Epstein-Barr virus (EBV) infects nearly all adults and poses significant worldwide public health burdens due to EBV-associated cancers and autoimmune diseases. Our lab is interested in understanding disease-relevant EBV-host dynamics at high resolution. We combine experimentally tractable infection models with single-cell (scRNA-seq, scATAC-seq), flow cytometry, microscopy) and spatial biology techniques to define key host-virus regulatory axes and understand how EBV reprograms host cells to pathogenic states. Through collaborations with clinicians at U-M and beyond, we are also interested in characterizing the genome-wide landscapes of EBV-associated tumors and their microenvironments. Our projects are motivated by the complementary goals of understanding fundamental host-virus genomic regulation in exquisite detail and informing better treatments for EBV-associated diseases.

Project 1: Host-Virus Epigenetic Regulation in Latent EBV Infection
We are interested in epigenetic governance of B cell fate mediated by interactions of EBV EBNA3A and EBNA3C with the cellular H3K27 histone methyltransferase EZH2. Prior studies have shown that EBNA3A and EBNA3C target EZH2-mediated H3K27me3 deposition to silence tumor suppressors (e.g., CDKN2A / p16INK4A) and genes critical for terminal B cell differentiation into non-proliferative plasma cells (e.g., PRDM1 / BLIMP1 and CDKN2C / p18INK4C). Consequently, gene regulation by the EBNA3A/3C-EZH2 axis appears to play a crucial role in sustaining proliferation of latently infected cells. EBNA3A and EBNA3C are critical mediators of infected B cell fate via gene promoter-enhancer looping, and each oncoprotein can co-repress or co-activate different target cellular genes. However, the epigenetic logic of EBNA3A/3C-mediated host gene regulation – and their relation to the balance of EBV-driven cellular fates and biological functions – remain incompletely understood. To address these gaps, we aim to apply high-dimensional assays to in vitro and in vivo (murine) models of infection using EBV strains that conditionally express EBNA3A and EBNA3C in conjunction with small molecule inhibitors of EZH2. This project will help define distinct gene regulatory mechanisms that underpin EBV-mediated transformation and depend on interactions between host and viral factors.

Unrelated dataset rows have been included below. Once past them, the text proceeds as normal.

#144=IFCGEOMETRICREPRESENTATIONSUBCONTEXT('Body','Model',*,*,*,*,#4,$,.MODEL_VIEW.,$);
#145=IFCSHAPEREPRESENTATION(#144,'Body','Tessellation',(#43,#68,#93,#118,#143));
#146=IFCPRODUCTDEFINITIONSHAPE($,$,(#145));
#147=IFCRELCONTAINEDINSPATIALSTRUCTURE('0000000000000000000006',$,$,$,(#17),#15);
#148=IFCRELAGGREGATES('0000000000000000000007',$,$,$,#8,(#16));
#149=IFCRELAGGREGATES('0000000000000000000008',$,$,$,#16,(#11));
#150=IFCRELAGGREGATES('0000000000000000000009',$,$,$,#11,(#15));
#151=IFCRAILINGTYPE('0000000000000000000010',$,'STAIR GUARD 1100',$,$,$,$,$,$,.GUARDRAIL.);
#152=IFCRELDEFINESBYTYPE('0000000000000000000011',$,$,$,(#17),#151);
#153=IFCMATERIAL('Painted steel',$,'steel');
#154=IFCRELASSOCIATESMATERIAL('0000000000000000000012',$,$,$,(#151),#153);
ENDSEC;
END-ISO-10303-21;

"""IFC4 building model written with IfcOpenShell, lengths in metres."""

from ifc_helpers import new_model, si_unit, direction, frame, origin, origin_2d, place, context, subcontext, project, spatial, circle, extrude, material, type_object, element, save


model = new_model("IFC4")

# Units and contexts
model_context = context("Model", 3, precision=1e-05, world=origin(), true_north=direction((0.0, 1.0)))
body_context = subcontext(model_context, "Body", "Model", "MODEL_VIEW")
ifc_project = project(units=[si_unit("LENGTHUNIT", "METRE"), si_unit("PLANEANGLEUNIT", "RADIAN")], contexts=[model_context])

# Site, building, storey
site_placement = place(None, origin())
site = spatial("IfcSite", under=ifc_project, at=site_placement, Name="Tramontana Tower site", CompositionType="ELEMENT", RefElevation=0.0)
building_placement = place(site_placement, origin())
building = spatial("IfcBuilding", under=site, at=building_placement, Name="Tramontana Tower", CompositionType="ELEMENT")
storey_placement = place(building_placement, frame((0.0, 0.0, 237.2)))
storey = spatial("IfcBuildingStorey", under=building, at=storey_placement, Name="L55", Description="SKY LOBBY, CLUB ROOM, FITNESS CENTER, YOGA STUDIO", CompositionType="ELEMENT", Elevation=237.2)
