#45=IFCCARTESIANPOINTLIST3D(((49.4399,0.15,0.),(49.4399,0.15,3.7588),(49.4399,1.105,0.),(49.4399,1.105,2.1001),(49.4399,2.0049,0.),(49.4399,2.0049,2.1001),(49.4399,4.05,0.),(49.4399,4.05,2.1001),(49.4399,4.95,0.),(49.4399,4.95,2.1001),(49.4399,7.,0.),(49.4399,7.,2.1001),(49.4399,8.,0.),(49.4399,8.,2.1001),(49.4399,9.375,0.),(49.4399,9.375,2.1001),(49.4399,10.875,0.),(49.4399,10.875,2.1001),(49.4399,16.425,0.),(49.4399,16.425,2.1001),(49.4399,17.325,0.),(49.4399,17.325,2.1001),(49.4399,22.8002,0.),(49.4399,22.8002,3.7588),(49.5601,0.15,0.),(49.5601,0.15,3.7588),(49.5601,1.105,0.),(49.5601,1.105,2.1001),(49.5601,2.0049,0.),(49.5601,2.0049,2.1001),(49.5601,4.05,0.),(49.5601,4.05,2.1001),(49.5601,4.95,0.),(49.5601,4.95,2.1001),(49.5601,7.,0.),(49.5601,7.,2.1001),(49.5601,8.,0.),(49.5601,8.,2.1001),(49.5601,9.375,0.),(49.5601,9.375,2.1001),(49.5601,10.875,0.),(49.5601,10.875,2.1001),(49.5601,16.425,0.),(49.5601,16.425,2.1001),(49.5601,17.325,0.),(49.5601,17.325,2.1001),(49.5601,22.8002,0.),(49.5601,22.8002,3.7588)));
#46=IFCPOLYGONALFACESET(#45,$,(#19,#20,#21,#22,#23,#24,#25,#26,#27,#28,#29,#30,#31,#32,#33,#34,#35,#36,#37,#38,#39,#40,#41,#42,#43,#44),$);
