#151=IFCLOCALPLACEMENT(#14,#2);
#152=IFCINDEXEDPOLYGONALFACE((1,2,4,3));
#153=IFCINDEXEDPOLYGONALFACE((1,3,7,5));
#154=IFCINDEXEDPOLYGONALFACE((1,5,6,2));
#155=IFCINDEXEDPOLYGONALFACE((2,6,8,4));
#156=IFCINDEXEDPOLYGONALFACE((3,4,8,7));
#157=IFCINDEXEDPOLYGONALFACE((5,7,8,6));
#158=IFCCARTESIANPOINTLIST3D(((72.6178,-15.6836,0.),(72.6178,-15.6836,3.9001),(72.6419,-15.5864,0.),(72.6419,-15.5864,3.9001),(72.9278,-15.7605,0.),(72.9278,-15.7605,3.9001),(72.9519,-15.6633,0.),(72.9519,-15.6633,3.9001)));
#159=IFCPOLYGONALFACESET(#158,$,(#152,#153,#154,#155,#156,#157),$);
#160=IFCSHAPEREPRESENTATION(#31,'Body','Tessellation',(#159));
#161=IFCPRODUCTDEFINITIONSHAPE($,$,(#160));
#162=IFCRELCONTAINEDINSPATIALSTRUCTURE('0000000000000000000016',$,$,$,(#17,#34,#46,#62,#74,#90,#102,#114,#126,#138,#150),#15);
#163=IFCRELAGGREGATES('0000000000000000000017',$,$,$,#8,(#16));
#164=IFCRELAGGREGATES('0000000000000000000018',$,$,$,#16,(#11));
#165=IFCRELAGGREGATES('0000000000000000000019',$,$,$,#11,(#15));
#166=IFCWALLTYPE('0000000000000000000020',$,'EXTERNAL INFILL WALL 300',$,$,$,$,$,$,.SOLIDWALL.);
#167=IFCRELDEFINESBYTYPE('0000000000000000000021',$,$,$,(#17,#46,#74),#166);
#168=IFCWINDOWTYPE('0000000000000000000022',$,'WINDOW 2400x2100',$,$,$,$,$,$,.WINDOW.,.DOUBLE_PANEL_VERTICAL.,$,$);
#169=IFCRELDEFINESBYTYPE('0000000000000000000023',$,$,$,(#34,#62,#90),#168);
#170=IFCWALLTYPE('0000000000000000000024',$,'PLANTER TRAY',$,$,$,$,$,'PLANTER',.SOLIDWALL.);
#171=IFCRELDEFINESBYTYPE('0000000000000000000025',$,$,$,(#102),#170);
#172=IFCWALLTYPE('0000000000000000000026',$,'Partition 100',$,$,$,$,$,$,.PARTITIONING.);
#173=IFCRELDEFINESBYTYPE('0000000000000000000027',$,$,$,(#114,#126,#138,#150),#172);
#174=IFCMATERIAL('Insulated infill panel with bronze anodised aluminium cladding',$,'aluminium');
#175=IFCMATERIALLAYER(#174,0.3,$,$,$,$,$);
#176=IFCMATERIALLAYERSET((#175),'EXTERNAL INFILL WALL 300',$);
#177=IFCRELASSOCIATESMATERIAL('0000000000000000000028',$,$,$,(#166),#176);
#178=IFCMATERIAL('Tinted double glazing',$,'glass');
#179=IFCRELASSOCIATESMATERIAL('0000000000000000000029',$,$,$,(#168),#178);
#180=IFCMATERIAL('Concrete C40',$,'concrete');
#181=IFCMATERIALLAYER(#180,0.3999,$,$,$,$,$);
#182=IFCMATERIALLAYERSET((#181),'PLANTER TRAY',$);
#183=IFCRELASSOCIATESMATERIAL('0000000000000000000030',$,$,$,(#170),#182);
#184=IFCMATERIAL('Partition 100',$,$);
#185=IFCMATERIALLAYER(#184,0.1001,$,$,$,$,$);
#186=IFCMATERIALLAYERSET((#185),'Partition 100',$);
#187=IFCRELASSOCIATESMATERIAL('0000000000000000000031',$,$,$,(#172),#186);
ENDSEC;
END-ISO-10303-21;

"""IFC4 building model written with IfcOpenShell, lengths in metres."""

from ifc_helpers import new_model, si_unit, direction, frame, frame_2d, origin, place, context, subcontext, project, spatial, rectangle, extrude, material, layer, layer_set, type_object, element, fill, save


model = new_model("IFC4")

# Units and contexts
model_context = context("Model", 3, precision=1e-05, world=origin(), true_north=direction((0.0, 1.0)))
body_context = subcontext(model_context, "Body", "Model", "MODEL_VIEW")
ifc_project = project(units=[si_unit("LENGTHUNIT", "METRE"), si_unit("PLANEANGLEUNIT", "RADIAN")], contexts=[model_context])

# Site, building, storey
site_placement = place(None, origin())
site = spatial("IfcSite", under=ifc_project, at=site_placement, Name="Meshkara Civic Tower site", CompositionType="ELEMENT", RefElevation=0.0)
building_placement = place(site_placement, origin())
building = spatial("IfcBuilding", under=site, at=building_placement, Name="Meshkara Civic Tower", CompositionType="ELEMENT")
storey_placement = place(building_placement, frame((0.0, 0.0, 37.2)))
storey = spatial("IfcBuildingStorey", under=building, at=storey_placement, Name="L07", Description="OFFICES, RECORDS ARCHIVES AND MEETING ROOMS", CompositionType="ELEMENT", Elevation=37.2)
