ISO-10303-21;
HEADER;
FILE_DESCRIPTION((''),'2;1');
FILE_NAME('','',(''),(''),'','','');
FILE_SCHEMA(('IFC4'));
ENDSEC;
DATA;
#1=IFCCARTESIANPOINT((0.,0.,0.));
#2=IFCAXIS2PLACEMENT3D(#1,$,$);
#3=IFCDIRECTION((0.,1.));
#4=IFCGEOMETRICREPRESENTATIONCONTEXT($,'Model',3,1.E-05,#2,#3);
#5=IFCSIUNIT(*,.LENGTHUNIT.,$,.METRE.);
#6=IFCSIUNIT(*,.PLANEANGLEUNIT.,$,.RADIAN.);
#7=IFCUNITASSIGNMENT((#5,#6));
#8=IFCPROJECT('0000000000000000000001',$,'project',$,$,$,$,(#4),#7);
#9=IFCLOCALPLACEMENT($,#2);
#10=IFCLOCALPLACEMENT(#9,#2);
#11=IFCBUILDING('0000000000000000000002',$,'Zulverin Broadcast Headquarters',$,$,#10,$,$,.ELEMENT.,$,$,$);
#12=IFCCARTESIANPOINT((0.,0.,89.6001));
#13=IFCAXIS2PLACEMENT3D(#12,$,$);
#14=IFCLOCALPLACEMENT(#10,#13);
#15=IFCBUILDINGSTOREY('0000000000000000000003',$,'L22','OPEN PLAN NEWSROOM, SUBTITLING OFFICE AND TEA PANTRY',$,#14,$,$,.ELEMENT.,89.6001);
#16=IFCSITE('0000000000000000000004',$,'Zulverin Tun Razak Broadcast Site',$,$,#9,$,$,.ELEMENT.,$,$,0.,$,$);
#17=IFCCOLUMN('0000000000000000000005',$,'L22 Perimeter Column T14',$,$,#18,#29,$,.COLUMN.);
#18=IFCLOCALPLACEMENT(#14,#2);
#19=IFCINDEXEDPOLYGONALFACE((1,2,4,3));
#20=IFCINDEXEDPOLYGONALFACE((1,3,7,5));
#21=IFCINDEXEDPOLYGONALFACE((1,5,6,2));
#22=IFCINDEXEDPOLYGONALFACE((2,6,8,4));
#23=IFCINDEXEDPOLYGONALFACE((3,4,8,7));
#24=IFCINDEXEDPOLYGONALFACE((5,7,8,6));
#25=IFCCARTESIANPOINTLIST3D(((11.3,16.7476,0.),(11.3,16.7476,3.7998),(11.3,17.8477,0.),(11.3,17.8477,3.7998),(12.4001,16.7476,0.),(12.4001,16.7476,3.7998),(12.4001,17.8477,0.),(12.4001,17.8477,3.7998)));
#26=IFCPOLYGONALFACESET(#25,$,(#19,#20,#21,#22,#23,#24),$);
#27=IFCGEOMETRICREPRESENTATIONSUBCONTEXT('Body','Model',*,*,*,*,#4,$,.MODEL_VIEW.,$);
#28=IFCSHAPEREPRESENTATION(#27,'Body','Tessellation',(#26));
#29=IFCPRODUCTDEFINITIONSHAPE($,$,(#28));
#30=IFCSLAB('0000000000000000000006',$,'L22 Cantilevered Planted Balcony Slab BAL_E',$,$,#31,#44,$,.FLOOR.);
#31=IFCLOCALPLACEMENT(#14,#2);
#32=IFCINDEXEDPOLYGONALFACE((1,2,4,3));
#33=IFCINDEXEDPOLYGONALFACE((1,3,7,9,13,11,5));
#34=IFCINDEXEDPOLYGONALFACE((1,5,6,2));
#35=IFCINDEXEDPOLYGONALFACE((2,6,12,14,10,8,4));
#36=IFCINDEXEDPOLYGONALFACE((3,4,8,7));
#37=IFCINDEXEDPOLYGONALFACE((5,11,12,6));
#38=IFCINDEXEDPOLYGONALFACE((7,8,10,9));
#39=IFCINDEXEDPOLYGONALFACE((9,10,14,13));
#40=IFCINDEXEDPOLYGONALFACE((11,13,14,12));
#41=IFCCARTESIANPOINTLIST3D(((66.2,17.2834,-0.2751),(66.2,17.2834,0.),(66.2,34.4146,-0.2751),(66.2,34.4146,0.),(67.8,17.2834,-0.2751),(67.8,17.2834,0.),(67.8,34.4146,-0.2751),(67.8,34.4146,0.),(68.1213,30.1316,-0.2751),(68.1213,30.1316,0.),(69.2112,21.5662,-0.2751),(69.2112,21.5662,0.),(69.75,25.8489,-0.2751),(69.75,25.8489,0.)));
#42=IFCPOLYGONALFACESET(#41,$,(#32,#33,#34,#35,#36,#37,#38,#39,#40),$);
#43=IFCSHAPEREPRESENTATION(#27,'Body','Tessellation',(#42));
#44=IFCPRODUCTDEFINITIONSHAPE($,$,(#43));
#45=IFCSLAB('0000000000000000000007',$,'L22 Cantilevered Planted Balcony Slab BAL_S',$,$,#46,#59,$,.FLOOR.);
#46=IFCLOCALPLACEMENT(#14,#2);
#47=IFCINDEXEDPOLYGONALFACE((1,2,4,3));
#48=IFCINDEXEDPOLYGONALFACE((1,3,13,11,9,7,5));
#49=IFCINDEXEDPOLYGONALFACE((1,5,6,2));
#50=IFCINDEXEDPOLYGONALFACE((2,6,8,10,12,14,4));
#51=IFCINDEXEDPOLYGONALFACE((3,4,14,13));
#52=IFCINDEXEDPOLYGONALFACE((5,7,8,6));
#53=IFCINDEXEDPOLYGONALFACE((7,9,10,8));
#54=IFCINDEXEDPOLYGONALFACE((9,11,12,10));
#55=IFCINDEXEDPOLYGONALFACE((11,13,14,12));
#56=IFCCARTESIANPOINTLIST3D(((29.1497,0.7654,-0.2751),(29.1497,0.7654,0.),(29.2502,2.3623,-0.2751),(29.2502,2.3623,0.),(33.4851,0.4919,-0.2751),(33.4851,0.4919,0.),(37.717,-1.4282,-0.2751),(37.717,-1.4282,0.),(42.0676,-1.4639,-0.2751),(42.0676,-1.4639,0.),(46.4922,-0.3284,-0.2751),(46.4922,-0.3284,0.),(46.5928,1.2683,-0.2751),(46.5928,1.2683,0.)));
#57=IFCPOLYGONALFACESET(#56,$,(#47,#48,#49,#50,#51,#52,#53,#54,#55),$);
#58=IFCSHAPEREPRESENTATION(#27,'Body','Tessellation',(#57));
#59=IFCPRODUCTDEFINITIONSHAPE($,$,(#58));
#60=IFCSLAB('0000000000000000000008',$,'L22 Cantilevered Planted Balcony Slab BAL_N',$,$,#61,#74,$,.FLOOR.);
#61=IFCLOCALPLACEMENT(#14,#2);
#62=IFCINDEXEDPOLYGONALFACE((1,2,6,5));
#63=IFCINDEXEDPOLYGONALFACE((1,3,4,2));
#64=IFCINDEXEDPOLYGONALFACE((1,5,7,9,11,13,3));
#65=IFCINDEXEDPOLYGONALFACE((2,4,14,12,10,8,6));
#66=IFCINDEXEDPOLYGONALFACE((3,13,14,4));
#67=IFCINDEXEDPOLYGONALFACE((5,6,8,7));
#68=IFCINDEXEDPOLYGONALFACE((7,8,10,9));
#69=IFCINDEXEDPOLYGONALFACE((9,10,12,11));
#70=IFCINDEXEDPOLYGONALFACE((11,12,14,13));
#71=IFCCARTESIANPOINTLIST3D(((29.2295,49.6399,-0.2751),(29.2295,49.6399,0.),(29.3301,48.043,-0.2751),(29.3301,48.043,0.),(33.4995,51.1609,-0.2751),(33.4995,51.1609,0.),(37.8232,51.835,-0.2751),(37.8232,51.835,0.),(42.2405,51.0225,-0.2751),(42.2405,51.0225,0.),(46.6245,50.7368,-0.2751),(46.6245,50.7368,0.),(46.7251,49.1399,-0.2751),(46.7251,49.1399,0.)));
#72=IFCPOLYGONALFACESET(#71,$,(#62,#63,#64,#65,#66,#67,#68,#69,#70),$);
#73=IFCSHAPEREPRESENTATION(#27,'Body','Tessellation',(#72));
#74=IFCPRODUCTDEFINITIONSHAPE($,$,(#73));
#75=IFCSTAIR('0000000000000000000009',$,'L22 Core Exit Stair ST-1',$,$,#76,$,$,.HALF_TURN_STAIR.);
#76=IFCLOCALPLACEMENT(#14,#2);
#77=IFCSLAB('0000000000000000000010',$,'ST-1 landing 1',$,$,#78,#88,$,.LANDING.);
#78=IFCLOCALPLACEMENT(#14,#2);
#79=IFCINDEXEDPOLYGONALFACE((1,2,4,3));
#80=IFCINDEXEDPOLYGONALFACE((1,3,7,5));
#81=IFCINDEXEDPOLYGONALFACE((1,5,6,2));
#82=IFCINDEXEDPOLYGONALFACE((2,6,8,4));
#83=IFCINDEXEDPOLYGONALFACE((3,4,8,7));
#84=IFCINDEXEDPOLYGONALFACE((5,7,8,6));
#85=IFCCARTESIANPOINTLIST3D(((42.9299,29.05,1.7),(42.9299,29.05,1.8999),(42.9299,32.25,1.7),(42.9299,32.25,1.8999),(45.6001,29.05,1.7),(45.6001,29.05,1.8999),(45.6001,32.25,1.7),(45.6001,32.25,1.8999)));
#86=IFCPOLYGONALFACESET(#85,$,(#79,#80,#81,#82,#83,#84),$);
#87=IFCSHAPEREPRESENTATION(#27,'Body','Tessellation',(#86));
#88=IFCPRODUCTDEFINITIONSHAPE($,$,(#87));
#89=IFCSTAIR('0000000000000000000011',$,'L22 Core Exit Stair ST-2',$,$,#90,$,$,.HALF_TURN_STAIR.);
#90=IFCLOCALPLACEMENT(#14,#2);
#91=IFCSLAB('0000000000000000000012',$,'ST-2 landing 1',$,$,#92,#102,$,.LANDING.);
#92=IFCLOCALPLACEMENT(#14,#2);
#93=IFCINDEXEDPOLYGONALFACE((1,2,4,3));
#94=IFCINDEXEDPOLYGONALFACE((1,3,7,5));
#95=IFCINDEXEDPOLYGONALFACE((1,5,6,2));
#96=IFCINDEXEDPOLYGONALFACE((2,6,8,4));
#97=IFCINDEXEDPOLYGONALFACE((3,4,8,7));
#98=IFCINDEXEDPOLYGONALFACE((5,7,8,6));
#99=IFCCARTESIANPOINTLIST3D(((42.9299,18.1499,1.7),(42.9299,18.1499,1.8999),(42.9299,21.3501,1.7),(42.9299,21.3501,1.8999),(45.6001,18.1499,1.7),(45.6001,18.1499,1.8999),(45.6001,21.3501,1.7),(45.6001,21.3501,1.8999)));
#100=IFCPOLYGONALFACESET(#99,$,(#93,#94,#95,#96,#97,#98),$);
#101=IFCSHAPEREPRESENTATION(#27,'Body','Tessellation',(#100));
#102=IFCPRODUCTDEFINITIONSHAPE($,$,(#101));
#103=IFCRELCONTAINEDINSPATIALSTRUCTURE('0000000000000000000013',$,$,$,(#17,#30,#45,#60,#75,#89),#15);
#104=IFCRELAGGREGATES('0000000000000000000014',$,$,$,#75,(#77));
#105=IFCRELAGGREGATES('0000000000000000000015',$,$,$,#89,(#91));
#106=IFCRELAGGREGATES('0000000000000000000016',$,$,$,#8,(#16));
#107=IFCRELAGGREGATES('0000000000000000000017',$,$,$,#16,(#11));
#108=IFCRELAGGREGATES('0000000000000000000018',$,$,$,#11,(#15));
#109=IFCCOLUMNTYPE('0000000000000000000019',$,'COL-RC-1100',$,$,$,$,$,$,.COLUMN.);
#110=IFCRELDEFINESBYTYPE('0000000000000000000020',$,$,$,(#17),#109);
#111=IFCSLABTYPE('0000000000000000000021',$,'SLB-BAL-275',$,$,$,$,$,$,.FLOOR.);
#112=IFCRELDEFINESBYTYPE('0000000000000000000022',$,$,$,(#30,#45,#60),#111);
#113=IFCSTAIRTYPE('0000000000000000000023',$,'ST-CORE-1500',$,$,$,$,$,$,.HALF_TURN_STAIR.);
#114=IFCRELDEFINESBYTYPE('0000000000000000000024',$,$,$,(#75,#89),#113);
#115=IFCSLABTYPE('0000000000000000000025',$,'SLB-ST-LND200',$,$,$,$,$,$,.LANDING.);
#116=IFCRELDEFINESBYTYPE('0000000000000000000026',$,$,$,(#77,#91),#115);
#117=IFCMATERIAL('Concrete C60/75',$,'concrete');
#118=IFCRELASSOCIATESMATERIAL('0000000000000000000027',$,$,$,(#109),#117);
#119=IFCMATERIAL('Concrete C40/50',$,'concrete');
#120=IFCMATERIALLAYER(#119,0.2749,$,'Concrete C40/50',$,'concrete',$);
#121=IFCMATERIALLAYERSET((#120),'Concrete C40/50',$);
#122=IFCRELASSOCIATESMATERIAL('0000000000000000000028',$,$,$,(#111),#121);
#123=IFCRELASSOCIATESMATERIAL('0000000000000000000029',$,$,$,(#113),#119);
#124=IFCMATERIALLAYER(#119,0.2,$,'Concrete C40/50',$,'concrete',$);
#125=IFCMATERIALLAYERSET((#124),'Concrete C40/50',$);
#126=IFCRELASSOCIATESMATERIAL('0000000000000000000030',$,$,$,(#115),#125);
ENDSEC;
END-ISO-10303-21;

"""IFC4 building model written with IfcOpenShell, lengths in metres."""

from ifc_helpers import new_model, si_unit, direction, frame, origin, origin_2d, place, context, subcontext, project, spatial, polyline, rectangle, outline, extrude, material, layer, layer_set, material_profile, profile_set, type_object, element, aggregate, save


model = new_model("IFC4")

# Units and contexts
model_context = context("Model", 3, precision=1e-05, world=origin(), true_north=direction((0.0, 1.0)))
body_context = subcontext(model_context, "Body", "Model", "MODEL_VIEW")
ifc_project = project(units=[si_unit("LENGTHUNIT", "METRE"), si_unit("PLANEANGLEUNIT", "RADIAN")], contexts=[model_context])

# Site, building, storey
site_placement = place(None, origin())
site = spatial("IfcSite", under=ifc_project, at=site_placement, Name="Zulverin Tun Razak Broadcast Site", CompositionType="ELEMENT", RefElevation=0.0)
building_placement = place(site_placement, origin())
building = spatial("IfcBuilding", under=site, at=building_placement, Name="Zulverin Broadcast Headquarters", CompositionType="ELEMENT")
storey_placement = place(building_placement, frame((0.0, 0.0, 89.6001)))
storey = spatial("IfcBuildingStorey", under=building, at=storey_placement, Name="L22", Description="OPEN PLAN NEWSROOM, SUBTITLING OFFICE AND TEA PANTRY", CompositionType="ELEMENT", Elevation=89.6001)

# Column
ifc_material_1 = material(Name="Concrete C60/75", Category="concrete")
ifc_material_profile = material_profile(ifc_material_1, rectangle(XDim=1.1001, YDim=1.1001, at=origin_2d()), Name="Concrete C60/75", Category="concrete")
ifc_profile_set = profile_set([ifc_material_profile], Name="Concrete C60/75")
column_type = type_object("IfcColumnType", Name="COL-RC-1100", PredefinedType="COLUMN", material=ifc_profile_set)
column_placement = place(storey_placement, frame((11.8501, 17.2976, 0.0), z_axis=(0.0, 0.0, 1.0), x_axis=(1.0, 0.0, 0.0)))
element("IfcColumn", 1, at=column_placement, inside=storey, type_object=column_type, Name="L22 Perimeter Column T14", PredefinedType="COLUMN", context=body_context, shape_type="SweptSolid", body=[
    extrude(rectangle(XDim=1.1001, YDim=1.1001, at=origin_2d()), origin(), (0.0, 0.0, 1.0), 3.7998),
])

# Slabs
ifc_material_2 = material(Name="Concrete C40/50", Category="concrete")
ifc_layer_1 = layer(ifc_material_2, 0.2749, Name="Concrete C40/50", Category="concrete")
ifc_layer_set_1 = layer_set([ifc_layer_1], Name="Concrete C40/50")
slab_type_1 = type_object("IfcSlabType", Name="SLB-BAL-275", PredefinedType="FLOOR", material=ifc_layer_set_1)
slab_1_placement = place(storey_placement, frame((0.0, 0.0, -0.2751)))
element("IfcSlab", 2, at=slab_1_placement, inside=storey, type_object=slab_type_1, Name="L22 Cantilevered Planted Balcony Slab BAL_E", PredefinedType="FLOOR", context=body_context, shape_type="SweptSolid", body=[
    extrude(outline(polyline([(66.2, 34.4146), (66.2, 17.2834), (67.8, 17.2834), (69.2112, 21.5662), (69.75, 25.8489), (68.1213, 30.1316), (67.8, 34.4146), (66.2, 34.4146)])), origin(), (0.0, 0.0, 1.0), 0.2751),
])
slab_2_placement = place(storey_placement, frame((0.0, 0.0, -0.2751)))
element("IfcSlab", 3, at=slab_2_placement, inside=storey, type_object=slab_type_1, Name="L22 Cantilevered Planted Balcony Slab BAL_S", PredefinedType="FLOOR", context=body_context, shape_type="SweptSolid", body=[
    extrude(outline(polyline([(46.5928, 1.2683), (29.2502, 2.3623), (29.1497, 0.7654), (33.4851, 0.4919), (37.717, -1.4282), (42.0676, -1.4639), (46.4922, -0.3284), (46.5928, 1.2683)])), origin(), (0.0, 0.0, 1.0), 0.2751),
])
slab_3_placement = place(storey_placement, frame((0.0, 0.0, -0.2751)))
element("IfcSlab", 4, at=slab_3_placement, inside=storey, type_object=slab_type_1, Name="L22 Cantilevered Planted Balcony Slab BAL_N", PredefinedType="FLOOR", context=body_context, shape_type="SweptSolid", body=[
    extrude(outline(polyline([(29.3301, 48.043), (46.7251, 49.1399), (46.6245, 50.7368), (42.2405, 51.0225), (37.8232, 51.835), (33.4995, 51.1609), (29.2295, 49.6399), (29.3301, 48.043)])), origin(), (0.0, 0.0, 1.0), 0.2751),
])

Project 2: Cellular Reprogramming in EBV Lytic Reactivation
While most EBV-positive B cell lymphomas predominantly exhibit latent infections, subsets of tumor cells undergo lytic reactivation. The EBV lytic cycle plays an important but poorly understood role in oncogenesis. Interestingly, horizontal infection of bystander cells with newly produced virions does not appear essential for tumorigenesis, since viral strains with late-stage replication defects induce tumors. However, expression of the master EBV lytic transcription factor Zta (aka Z, ZEBRA; encoded by the BZLF1 gene) appears critical, since humanized mice infected with BZLF1-KO virus do not develop tumors. These findings suggest that some early events of the lytic cycle or incomplete (“abortive”) reactivation may play a role in EBV-associated cancers. Notably, host cell nuclei are profoundly reorganized during both early and late stages of EBV reactivation. Moreover, time-resolved scRNA-seq studies of EBV reactivation reveal that a subset of lytic cells express genes associated with cancer “stemness” and reprogrammed plasticity. These findings imply that aberrant cellular expression in response to lytic-mediated stresses or nuclear damage may contribute to virus-associated malignancy. To further dissect pathogenic cell reprogramming during the lytic cycle, we are applying single-cell techniques to examine models of successful and defective EBV reactivation at high resolution.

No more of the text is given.